In both NCD and control groups, the genotype distribution significantly departed from HWP. Not only the expected heterozygosity for the observed allele frequencies was dramatically compromised, but also certain heterozygous/heterozygous ratios were biased.

The accumulated homozygosity could not be attributed to the excess of consanguineous marriages in Iran, as excess of homozygosity in consanguineous societies can contribute to between 2 and 11% homozygosity at a given locus26,27. Sampling error is another explanation for the observed genotypes. All samples were collected from the same districts in Iran, and the results were replicated in both groups. Rare primer binding site mutations are known to provoke null alleles in STRs, and lead to false homozygous genotypes28,29,30. In a review by Dakin and Avise, it was reported that whereas null alleles in frequencies typically reported in the literature introduce rather inconsequential biases on average exclusion probabilities, they can introduce substantial errors into empirical assessments of specific mating events by leading to high frequencies of false parentage exclusions31. While the scope of our research was not assessing specific matings, we double-checked 70 random samples across the two groups with alternative primers (Forward: TCAGGGCTTGACGACAGC, Reverse: CTCGACCCTCAGACCCAG), with alternative binding sites to the original primers, and identical PCR conditions to the original primer set, which confirmed our initial genotyping results.

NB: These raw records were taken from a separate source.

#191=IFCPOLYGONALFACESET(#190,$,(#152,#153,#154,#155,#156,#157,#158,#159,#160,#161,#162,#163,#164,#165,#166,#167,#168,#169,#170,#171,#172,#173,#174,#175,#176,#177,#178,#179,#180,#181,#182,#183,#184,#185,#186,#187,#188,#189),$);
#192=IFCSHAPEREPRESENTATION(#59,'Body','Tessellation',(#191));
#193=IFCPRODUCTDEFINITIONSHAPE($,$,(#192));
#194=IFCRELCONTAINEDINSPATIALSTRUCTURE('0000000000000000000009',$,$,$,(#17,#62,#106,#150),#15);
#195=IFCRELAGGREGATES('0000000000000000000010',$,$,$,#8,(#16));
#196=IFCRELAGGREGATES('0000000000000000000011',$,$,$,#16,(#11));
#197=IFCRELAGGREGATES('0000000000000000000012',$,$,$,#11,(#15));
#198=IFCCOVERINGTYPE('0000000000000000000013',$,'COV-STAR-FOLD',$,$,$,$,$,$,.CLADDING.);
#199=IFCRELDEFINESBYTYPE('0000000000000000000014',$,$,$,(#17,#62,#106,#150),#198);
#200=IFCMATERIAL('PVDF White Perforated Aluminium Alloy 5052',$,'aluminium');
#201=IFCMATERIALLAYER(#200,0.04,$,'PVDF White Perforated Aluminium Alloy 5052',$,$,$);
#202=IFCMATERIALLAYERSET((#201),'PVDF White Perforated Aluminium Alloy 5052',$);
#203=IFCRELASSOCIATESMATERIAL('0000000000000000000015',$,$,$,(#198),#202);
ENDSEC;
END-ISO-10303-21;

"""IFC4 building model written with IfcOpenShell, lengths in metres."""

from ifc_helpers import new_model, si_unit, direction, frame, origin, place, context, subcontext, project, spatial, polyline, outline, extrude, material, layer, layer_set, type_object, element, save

It should be noted that this preliminary study needs to be replicated with independent samples by other groups, in order to confirm the results.

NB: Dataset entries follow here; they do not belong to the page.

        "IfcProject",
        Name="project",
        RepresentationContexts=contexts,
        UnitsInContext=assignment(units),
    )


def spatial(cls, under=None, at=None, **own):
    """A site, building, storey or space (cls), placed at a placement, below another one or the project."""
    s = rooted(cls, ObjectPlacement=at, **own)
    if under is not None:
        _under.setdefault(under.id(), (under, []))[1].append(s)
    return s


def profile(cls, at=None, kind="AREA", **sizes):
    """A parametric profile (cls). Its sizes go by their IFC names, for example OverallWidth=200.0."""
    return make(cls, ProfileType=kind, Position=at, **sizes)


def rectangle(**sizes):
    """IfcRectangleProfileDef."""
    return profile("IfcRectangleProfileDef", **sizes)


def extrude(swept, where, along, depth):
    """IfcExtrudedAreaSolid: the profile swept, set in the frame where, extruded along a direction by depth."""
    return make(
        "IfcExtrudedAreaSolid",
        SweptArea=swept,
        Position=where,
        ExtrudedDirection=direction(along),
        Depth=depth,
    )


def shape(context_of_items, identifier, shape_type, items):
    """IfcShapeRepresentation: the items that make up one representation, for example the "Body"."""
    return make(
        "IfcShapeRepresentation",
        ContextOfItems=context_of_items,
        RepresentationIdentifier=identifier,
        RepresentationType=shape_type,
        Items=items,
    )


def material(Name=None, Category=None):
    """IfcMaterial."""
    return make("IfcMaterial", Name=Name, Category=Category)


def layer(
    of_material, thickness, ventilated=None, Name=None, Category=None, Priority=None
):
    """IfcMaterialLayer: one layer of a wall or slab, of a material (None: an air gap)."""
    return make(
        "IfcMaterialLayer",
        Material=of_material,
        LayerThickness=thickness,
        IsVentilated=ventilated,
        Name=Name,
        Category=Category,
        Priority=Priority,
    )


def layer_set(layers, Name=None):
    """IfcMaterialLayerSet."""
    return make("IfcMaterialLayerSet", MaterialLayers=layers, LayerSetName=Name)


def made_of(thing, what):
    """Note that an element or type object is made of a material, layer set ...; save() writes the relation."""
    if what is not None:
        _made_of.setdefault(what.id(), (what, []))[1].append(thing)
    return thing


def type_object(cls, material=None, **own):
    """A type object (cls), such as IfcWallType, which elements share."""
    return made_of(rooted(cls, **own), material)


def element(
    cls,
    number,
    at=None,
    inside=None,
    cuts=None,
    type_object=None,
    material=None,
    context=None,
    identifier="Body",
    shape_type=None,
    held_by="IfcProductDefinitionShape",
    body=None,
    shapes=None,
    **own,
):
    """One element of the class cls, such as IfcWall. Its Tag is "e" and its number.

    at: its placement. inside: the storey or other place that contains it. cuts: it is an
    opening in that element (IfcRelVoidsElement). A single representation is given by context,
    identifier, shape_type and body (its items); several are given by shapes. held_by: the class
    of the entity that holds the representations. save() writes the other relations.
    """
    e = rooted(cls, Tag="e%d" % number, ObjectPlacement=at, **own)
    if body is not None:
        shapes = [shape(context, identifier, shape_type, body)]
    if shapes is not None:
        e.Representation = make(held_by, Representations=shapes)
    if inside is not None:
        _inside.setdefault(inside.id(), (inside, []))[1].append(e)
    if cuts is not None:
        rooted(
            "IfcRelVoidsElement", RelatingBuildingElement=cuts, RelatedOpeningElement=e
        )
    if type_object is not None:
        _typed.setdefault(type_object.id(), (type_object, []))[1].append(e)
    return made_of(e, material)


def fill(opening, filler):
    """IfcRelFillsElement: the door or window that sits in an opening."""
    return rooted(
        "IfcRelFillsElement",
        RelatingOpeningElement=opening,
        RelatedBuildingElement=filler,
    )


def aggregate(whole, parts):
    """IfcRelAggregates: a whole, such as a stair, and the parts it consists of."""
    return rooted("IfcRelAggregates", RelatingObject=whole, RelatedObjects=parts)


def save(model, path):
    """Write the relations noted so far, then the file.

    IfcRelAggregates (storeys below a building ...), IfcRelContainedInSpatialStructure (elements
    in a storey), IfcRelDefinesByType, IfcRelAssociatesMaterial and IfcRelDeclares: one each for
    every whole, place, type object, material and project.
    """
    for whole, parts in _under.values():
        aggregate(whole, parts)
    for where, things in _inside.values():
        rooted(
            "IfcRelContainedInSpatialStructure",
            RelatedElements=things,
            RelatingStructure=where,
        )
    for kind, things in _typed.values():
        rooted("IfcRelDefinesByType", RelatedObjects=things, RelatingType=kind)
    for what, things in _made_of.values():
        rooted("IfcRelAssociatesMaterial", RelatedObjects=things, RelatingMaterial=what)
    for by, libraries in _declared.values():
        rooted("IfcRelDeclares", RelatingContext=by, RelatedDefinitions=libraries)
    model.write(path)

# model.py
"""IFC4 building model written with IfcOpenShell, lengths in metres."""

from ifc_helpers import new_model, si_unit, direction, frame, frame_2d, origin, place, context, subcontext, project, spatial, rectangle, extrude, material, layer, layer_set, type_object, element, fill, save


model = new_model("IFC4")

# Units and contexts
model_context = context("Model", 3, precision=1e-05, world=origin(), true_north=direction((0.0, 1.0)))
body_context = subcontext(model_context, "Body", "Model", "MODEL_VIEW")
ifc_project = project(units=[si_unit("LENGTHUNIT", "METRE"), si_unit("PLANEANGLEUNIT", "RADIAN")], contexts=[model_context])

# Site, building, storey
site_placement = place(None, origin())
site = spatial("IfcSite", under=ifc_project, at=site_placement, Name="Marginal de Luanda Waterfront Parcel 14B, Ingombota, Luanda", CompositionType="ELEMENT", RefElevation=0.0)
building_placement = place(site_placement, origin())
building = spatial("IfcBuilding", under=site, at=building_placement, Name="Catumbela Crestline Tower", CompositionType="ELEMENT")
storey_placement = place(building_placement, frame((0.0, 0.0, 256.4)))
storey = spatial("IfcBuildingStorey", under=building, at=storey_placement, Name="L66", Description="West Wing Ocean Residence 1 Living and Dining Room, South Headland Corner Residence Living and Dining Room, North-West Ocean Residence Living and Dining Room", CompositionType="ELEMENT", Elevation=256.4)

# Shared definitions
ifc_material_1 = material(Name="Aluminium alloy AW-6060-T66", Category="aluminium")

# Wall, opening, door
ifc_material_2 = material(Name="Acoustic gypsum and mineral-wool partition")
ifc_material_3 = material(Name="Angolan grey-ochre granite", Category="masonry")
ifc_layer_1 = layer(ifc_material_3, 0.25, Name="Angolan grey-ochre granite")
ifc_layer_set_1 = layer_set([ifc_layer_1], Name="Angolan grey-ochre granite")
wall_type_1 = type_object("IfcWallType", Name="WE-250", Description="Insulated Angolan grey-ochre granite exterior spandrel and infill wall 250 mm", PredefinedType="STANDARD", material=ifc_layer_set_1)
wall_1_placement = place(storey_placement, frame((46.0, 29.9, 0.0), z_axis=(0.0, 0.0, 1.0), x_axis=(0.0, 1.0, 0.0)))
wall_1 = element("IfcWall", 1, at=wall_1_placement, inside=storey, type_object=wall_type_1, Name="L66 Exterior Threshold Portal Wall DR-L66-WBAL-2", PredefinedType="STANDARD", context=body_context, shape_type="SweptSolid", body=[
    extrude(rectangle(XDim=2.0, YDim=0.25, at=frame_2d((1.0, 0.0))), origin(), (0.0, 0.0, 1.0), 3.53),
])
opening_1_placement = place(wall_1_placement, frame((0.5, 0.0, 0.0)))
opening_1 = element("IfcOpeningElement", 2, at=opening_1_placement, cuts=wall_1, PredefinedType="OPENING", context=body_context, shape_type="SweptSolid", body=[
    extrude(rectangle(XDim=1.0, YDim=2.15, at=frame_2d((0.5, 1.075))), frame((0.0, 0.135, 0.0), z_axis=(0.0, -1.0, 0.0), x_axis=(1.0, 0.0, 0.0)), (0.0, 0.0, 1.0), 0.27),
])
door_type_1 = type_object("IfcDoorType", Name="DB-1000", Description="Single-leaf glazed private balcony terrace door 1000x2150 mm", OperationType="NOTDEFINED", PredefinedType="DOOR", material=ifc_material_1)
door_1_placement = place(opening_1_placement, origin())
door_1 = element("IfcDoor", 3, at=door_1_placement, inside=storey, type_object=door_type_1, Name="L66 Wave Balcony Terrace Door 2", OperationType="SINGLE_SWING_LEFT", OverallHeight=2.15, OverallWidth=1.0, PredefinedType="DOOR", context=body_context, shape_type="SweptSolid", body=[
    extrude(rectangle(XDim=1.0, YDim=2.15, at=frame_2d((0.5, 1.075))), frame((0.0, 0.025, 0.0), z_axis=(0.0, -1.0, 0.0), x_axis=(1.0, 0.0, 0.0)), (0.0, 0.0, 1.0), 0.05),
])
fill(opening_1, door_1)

A likely hypothesis that may be put forward is that certain heterozygous genotypes might have been selected against in human in the process of evolution. The studied (GCC)-repeat is located in the 5′ UTR, and it may be speculated that the heterodimer RNAs of, for example, 8/9 and 6/9 have a detrimental effect on the downstream events, such as transcript processing and translation. A possible mechanism might be connected to RNA structure and accessibility. Experimental synthetic stem-loop RNAs have been reported to alter the expression of a number of genes in bacteria32. We could show that the accessibility changes with the number of (GCC)-repeats, and can affect at least exon 1. For example, the 6/8 and 6/9 RNA interactions were differentially grouped in groups 1 and 2, respectively (Table 3).

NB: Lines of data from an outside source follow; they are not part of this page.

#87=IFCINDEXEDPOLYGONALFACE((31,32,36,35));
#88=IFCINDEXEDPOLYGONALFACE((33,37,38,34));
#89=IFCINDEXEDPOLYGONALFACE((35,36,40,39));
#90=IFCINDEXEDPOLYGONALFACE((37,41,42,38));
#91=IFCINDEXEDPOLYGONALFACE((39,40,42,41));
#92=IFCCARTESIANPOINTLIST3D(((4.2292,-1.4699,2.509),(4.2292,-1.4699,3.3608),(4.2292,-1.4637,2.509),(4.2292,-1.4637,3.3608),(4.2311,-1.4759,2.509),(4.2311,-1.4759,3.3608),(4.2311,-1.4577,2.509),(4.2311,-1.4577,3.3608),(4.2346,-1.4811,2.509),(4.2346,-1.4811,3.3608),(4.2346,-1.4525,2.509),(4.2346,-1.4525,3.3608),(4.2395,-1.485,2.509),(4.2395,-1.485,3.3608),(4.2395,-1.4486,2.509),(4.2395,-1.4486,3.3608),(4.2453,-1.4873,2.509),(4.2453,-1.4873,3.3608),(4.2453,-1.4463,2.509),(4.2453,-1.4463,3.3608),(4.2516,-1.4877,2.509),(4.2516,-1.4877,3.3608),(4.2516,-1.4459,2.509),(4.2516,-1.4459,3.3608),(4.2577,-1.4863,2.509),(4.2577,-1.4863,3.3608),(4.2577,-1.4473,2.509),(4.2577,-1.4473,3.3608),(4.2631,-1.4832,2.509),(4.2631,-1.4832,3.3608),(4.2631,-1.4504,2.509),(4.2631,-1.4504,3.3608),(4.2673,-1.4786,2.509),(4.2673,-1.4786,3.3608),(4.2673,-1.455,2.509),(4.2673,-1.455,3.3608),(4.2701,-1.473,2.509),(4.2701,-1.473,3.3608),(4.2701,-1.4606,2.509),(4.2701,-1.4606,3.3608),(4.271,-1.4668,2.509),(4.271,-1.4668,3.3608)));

SBF1 is predominantly expressed in the brain and skeletal muscle, and the protein encoded by this gene is a member of the myotubularin family. Myotubularin-related proteins, namely MTMR2, MTMR13/SBF2 and MTMR5/SBF1 are mainly involved in regulating endolysosomal trafficking33 and mitochondrial functioning34. Dysregulation of SBF1 is linked to late-onset NCDs such as AD17, which is also indicated by the observed genotype anomalies in the NCD group versus controls in our study. An isolate instance of an NCD patient harboring a genotype that consisted of extreme short alleles, may be of significance, while random co-occurrence should also be considered as a possibility. The secondary structure and accessibility effect of the 5/6 genotype were dramatically divergent, and the 5-repeat allele length was not detected in the control group. It is possible that low frequency alleles at the extreme ends of the allele distribution curve are subject to negative natural selection8,12,35.

It remains to be clarified how certain heterozygous genotypes might have been selected against at this locus in human. It is also warranted that this STR is sequenced in larger samples and in a spectrum of neurological disorders.

Conclusion

We report indication of a novel biological phenomenon, in which there is significant selection against certain heterozygous genotypes at a STR locus in the human population. We also report different allele and genotype distribution in late-onset NCD versus controls at this locus. In view of the location of the (GCC)-repeat in the 5′ UTR of the SBF1 gene, it is speculated that specific RNA/RNA or DNA/RNA heterodimers may exert effects that are selected against in the course of evolution. It should be noted that this is a pilot study, which needs to be replicated by independent groups and in different samples.